江戎说,“知道,可我想起来有点事,我回去,你等我,明天早上就过来接你,我带你到旁边的寺里玩去。”
“那甜甜呢?”
“放在这儿。”
沈非烟没有再说话,她已经不了解他,不知道他生活中的构成,有多少事情要处理,有多少人要应酬。她什么都不知道,所以……什么也不能说。

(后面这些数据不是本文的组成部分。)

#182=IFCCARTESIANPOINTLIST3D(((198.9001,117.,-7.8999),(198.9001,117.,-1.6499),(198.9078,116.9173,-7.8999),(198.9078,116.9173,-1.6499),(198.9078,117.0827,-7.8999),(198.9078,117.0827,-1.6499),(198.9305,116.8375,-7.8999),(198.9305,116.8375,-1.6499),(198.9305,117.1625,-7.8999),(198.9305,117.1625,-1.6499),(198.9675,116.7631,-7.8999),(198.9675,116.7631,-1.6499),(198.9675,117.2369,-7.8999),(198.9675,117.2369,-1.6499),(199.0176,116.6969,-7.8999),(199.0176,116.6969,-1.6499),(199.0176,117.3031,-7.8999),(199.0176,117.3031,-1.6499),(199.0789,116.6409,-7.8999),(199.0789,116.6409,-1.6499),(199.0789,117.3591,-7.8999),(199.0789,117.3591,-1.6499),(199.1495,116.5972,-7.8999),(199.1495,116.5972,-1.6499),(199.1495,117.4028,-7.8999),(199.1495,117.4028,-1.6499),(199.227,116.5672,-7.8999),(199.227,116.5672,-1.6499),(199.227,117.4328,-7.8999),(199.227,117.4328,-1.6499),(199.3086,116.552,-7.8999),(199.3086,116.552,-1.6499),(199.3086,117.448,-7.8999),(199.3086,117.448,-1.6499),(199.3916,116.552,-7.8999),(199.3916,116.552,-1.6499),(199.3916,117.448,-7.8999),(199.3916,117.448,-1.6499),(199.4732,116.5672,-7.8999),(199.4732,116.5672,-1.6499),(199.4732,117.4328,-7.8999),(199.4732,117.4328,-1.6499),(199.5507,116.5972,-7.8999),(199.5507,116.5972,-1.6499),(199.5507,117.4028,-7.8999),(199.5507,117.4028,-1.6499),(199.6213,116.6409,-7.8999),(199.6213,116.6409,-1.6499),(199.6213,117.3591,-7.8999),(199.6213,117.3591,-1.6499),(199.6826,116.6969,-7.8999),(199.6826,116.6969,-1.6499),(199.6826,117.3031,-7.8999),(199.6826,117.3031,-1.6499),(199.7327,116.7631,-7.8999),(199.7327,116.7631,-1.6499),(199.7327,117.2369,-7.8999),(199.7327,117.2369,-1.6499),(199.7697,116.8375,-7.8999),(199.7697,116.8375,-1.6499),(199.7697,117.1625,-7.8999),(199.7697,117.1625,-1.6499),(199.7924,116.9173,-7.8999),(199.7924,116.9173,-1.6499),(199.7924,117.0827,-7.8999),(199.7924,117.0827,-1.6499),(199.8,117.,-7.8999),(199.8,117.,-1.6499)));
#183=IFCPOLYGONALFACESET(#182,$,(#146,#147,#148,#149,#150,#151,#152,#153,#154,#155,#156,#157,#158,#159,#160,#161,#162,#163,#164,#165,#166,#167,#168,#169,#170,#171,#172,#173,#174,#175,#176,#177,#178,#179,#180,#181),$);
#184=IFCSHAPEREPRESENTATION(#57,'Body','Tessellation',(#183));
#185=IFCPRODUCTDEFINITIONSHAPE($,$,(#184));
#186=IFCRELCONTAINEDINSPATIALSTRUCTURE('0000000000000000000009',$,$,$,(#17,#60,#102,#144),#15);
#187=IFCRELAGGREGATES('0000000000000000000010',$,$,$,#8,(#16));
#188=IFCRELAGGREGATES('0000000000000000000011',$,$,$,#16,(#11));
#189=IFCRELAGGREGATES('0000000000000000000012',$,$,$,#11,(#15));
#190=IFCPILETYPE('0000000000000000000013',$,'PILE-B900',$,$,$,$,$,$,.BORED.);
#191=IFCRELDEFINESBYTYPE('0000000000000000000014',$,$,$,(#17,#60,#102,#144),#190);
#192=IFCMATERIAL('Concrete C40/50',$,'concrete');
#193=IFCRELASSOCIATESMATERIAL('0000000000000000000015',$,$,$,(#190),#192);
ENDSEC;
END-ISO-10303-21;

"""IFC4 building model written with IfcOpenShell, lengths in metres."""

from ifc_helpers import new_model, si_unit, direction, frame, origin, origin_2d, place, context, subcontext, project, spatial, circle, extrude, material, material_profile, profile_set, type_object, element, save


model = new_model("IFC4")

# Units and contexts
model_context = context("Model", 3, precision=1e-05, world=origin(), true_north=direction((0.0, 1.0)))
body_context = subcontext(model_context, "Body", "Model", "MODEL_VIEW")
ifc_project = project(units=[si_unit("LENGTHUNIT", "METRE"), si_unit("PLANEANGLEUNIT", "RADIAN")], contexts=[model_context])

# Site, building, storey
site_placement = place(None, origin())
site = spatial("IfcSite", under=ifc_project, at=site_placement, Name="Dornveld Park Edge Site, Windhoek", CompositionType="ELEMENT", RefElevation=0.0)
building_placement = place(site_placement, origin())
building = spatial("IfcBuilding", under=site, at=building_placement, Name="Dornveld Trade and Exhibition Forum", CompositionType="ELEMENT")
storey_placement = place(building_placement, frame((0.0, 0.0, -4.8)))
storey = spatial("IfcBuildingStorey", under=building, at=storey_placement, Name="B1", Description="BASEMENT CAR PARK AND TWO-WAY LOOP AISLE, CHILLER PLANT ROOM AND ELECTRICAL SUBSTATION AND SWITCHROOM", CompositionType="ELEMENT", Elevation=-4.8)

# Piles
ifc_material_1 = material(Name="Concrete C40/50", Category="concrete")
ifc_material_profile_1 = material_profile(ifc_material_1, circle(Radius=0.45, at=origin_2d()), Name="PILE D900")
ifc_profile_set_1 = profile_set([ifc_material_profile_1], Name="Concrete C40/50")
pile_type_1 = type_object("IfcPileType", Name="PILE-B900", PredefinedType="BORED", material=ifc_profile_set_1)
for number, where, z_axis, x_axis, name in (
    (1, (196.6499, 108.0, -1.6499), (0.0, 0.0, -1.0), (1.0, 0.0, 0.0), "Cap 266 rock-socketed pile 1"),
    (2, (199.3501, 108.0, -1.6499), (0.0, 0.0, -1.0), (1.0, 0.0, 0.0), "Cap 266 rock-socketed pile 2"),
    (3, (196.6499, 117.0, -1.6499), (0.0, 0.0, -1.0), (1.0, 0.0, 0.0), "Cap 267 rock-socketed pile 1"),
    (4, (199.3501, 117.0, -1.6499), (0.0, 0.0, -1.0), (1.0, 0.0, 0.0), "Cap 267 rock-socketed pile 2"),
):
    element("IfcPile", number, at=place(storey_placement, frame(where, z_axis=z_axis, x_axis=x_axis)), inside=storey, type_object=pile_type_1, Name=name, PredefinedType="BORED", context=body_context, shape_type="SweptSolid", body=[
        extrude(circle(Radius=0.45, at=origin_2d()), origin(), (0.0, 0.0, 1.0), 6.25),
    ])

知道江戎要走,她做饭就快,简单吃了饭,江戎换了衣服才走。
他走到门口又问,“对了,我车钥匙好像刚刚顺手放在你床上了,你去看看。”
沈非烟去卧室看钥匙,江戎走到厨房,拿了那饭盒出来。
沈非烟的妈妈莫名其妙,江戎先出去,把饭盒放在了车后座,对沈非烟的妈妈说,“这饭盒我上次在院子里保安那里见过,我怀疑非烟那天去找我了,我去问问。”

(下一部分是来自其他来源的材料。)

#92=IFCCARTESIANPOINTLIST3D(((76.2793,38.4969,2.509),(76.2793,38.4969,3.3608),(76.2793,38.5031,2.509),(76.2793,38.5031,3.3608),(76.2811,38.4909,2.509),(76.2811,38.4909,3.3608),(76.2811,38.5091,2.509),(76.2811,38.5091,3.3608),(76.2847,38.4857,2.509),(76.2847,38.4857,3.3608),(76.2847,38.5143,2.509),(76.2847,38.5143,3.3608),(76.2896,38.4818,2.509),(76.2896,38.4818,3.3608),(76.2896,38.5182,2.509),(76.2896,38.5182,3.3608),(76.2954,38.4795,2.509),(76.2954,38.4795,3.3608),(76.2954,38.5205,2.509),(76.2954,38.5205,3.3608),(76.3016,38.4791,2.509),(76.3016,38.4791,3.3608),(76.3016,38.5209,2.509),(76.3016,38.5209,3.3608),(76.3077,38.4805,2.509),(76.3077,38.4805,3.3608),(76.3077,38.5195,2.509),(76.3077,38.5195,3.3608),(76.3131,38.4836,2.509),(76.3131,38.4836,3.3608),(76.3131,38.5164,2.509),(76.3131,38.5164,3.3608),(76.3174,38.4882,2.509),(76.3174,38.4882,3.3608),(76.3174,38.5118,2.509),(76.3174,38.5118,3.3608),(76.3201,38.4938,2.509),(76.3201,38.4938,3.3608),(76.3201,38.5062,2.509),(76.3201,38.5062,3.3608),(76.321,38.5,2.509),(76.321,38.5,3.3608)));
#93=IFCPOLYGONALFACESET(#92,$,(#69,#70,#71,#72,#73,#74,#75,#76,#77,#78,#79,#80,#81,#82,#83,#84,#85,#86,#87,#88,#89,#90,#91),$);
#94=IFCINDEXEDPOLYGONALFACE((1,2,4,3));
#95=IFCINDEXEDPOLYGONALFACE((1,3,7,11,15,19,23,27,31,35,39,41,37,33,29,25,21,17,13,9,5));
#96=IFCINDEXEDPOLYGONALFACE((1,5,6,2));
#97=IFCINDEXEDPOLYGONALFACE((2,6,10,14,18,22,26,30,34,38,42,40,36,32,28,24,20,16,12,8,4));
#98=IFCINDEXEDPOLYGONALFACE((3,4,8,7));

沈非烟的妈妈说,“那你问非烟呗。”一想又说,“你问她,她爱面子,肯定不说。”
但她又奇怪,“那她如果去了,为什么不找你?”
江戎说,“我不知道,所以去问问。”
沈非烟出来了,沉着脸看他。
江戎恍然大悟地说,“我一摸口袋,原来顺手装在口袋了。”
沈非烟说,“那你不会和我说一声,让我满床翻。”
江戎笑着抬了抬手,上车,绊子都没打就走了。
沈非烟的妈妈转头,对沈非烟说,“你说不走了,是不是真的不走了?”
沈非烟说,“这还有假,知道给你说,你也心里不踏实,所以干脆还是不说了。”
她妈妈说,“那也是因为太在乎你,才会这么紧张,你说是不是?”
沈非烟靠向她,“妈——你不要再帮着江戎说话了,本来有两分好感,因为你总向着他,我都吃醋了,两分好感就成反感了。”